VIDEOMEDEJA
The theme “Artificial Intuition” focuses on the transformation of human perception in the age of algorithmic systems, machine learning, and digital surveillance. From the perspective of a festival that has been observing and contextualizing new media practices for thirty years, intuition no longer exists outside of technology, yet it cannot be reduced to its logic alone. Videomedeja explores how human capacities for anticipation, reaction, and emotional understanding intersect with artificial intelligence and predictive models.
The festival invites artists to use video, interactive, and extended media to question the boundaries between human and machine perception, individual experience, and collectively shaped perception. In the context of contemporary global challenges, “Artificial Intuition” raises questions of trust, autonomy, and responsibility in a world that is simultaneously human and algorithmically structured.
Videomedeja is an international festival of contemporary art and new media exploring video, animation, interactive and extended forms at the intersection of art and technology. It is a meeting point of screens, sound, code, and movement—a space where the contemporary world is questioned through artistic experimentation.
Held in Novi Sad, the festival brings together artists from around the globe whose works push the boundaries of media, genre, and perception. Videomedeja is at once a gallery, a cinema, and a laboratory—a place where art meets the future.
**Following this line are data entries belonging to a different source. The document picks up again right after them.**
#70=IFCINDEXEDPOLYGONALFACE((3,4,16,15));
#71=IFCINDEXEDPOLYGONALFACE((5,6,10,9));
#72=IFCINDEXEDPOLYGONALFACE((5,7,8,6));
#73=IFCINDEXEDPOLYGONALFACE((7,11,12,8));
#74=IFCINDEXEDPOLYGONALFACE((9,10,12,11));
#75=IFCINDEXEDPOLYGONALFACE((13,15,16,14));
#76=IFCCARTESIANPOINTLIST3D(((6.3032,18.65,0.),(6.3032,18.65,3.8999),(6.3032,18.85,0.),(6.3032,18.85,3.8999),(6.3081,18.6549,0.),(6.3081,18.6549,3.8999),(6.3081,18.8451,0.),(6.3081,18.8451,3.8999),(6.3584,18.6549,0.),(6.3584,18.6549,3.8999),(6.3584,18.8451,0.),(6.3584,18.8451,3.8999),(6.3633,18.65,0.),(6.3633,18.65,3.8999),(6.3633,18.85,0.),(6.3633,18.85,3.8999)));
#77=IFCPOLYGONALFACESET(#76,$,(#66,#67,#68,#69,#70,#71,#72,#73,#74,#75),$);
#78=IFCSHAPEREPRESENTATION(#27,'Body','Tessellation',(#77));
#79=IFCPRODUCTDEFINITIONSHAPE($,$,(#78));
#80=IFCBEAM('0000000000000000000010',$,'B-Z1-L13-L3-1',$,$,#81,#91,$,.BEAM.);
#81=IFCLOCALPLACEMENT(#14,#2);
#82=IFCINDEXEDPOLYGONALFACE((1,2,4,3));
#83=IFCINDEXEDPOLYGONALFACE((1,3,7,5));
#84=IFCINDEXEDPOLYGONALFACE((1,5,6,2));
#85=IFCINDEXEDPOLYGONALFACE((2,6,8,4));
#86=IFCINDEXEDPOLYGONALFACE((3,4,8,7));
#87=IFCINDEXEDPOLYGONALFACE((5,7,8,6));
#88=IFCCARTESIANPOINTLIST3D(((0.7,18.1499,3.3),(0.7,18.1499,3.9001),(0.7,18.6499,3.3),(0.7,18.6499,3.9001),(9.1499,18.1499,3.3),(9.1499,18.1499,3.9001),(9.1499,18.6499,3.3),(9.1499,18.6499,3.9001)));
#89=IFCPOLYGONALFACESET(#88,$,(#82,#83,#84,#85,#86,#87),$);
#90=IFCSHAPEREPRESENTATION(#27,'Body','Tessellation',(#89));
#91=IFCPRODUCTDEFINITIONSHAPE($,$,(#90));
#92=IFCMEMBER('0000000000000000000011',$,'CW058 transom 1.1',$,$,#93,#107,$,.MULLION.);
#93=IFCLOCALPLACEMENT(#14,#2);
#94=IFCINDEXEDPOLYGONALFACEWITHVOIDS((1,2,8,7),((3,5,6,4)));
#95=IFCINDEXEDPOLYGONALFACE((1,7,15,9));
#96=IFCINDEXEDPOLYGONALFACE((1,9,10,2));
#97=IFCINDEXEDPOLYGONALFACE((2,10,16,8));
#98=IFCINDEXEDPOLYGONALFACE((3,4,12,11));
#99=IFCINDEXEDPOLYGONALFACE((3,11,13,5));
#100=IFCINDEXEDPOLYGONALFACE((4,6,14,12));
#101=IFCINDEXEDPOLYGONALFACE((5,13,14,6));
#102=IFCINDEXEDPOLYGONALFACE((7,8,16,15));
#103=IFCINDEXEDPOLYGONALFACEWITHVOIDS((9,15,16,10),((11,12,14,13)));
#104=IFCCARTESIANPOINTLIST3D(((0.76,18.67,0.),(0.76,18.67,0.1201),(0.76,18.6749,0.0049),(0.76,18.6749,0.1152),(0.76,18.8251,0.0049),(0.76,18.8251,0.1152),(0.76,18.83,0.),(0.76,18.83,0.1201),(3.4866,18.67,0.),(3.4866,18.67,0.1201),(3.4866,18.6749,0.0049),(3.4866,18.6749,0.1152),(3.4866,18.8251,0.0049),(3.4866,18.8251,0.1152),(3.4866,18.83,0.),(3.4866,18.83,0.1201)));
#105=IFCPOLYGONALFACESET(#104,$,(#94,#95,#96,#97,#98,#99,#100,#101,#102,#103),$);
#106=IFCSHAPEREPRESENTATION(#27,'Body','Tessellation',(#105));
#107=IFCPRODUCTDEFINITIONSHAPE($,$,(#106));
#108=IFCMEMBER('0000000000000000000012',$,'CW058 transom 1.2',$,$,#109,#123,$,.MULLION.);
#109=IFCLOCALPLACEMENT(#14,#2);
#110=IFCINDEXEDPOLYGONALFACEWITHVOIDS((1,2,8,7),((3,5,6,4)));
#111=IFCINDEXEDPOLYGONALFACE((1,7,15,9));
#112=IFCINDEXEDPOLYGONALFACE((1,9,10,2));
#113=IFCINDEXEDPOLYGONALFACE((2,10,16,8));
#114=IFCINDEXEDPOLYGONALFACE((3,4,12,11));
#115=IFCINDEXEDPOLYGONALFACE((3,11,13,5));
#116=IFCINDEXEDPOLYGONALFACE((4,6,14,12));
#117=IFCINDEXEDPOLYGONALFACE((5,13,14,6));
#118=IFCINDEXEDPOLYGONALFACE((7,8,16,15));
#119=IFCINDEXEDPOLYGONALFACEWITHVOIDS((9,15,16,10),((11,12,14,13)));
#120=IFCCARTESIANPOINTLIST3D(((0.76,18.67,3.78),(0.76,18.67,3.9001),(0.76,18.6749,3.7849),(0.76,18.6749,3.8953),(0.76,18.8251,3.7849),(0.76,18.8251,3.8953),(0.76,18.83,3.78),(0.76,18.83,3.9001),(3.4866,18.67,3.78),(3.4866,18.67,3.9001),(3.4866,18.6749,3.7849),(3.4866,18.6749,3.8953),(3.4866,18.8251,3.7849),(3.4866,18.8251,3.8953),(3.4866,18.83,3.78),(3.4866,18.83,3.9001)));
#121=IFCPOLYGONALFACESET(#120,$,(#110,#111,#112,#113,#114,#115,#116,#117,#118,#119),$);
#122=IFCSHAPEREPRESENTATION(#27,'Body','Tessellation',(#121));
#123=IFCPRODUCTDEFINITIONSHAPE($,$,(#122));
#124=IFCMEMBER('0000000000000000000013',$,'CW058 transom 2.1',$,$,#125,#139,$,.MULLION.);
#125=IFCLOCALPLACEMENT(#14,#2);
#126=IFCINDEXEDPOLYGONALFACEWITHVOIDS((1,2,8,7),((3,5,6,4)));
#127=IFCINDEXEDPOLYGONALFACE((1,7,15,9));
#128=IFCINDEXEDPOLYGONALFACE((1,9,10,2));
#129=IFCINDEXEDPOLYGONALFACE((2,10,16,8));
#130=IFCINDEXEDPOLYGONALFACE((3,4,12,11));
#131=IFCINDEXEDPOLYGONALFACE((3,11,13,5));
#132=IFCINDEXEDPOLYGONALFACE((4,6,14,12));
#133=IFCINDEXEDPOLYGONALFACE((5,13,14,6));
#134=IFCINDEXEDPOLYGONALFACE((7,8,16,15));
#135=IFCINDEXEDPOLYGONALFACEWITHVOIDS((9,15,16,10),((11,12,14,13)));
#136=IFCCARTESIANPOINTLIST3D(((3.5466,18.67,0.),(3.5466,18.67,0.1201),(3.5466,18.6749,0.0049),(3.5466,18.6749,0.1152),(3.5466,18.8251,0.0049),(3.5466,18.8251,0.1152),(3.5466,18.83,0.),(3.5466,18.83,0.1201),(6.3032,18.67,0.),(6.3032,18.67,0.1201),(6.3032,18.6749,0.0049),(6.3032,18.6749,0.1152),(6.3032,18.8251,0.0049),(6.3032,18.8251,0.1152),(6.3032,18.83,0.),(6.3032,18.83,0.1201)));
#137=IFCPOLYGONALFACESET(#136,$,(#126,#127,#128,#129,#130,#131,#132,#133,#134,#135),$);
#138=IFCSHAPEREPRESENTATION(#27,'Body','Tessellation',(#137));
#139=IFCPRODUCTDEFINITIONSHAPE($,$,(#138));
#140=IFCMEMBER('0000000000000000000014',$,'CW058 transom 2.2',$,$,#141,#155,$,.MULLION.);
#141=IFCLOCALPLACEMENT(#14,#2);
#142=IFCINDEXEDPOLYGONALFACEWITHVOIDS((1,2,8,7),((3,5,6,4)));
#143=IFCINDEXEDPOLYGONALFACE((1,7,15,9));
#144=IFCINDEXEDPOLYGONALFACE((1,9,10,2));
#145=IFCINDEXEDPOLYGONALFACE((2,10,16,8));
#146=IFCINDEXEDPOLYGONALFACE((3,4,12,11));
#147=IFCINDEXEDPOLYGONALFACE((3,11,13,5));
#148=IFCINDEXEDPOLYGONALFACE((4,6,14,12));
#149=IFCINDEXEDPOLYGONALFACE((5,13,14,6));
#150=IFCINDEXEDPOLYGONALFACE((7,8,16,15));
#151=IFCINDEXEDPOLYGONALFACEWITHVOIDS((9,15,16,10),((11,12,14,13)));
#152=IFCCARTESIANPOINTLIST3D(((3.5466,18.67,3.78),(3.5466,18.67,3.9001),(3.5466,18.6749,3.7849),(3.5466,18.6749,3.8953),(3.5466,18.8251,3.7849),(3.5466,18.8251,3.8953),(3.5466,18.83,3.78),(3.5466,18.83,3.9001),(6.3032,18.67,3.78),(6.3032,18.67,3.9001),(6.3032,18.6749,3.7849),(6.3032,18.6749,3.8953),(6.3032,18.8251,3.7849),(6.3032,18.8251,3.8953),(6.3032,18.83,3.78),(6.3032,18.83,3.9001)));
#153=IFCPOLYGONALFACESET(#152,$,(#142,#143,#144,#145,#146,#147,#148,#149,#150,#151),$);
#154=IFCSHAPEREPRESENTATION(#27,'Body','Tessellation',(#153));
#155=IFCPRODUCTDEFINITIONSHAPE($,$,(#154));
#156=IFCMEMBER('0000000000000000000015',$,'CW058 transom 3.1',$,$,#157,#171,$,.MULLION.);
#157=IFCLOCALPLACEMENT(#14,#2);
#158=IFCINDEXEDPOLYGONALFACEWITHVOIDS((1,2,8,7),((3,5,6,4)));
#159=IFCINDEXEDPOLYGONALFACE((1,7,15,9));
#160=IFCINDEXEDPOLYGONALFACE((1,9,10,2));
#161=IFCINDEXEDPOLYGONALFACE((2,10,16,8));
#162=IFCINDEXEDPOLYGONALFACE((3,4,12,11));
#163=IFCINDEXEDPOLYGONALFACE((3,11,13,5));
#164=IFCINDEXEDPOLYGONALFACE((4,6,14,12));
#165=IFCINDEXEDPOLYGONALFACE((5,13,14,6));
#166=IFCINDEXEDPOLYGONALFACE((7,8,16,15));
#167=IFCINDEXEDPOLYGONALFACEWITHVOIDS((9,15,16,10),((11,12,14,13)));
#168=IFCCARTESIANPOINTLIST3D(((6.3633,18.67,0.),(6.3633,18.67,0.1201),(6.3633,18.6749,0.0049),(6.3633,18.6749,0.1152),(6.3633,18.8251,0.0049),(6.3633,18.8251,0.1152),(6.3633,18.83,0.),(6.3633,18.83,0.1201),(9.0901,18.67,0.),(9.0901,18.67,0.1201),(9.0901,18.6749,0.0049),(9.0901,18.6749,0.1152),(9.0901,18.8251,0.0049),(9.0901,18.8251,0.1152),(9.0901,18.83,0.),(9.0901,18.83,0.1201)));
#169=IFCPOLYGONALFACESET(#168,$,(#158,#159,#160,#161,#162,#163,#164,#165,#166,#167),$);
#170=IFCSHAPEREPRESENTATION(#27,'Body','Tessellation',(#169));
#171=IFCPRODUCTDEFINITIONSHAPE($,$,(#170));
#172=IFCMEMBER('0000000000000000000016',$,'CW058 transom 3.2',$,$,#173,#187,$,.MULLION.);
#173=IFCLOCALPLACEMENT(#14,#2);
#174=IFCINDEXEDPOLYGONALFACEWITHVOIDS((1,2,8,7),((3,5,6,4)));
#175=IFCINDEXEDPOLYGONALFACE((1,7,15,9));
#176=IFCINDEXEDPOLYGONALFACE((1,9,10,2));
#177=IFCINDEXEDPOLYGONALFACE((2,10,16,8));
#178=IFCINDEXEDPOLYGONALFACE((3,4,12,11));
Videomedeja Medialab represents a significant step in expanding video art on an international level. This new platform provides free access to a rich collection of video art, including experimental films, animations, digital artworks, interactive projects, and documentaries exploring the evolution of video art and new media.

"VIDEOMEDEJA - a quarter of a century - from video to media transformations"
”
This monograph, dedicated to the 25th anniversary of Videomedeja—an international festival of media arts—offers readers not only essential information about the festival, but also insight into the historical development of video art.
Contributors to the publication include Aleksandar Davić, Želimir Žilnik, Čedomir Vasić, Mileta Poštić, Zoran Naskovski, Kathy Rae Huffman, Damon Moll, Veldhuin Martijn, Piotr Krajewski, Katrin Becker, Robert Arnold, Jean-Gabriel Périot, Anouk De Clercq, Silvia Winkler and Stefan Keperl, as well as Christl Baur with the authorial text “Ars Electronica and the Evolution of Expanded Animation”, among others.

The 30-minute documentary film Video restArt, directed by Ivana Sremčević Matijević, explores five decades of video art in relation to the quarter-century history of Videomedeja.
This Videomedeja production presents a diverse range of reflections on video art and its development through conversations with prominent figures from the fields of art and theory.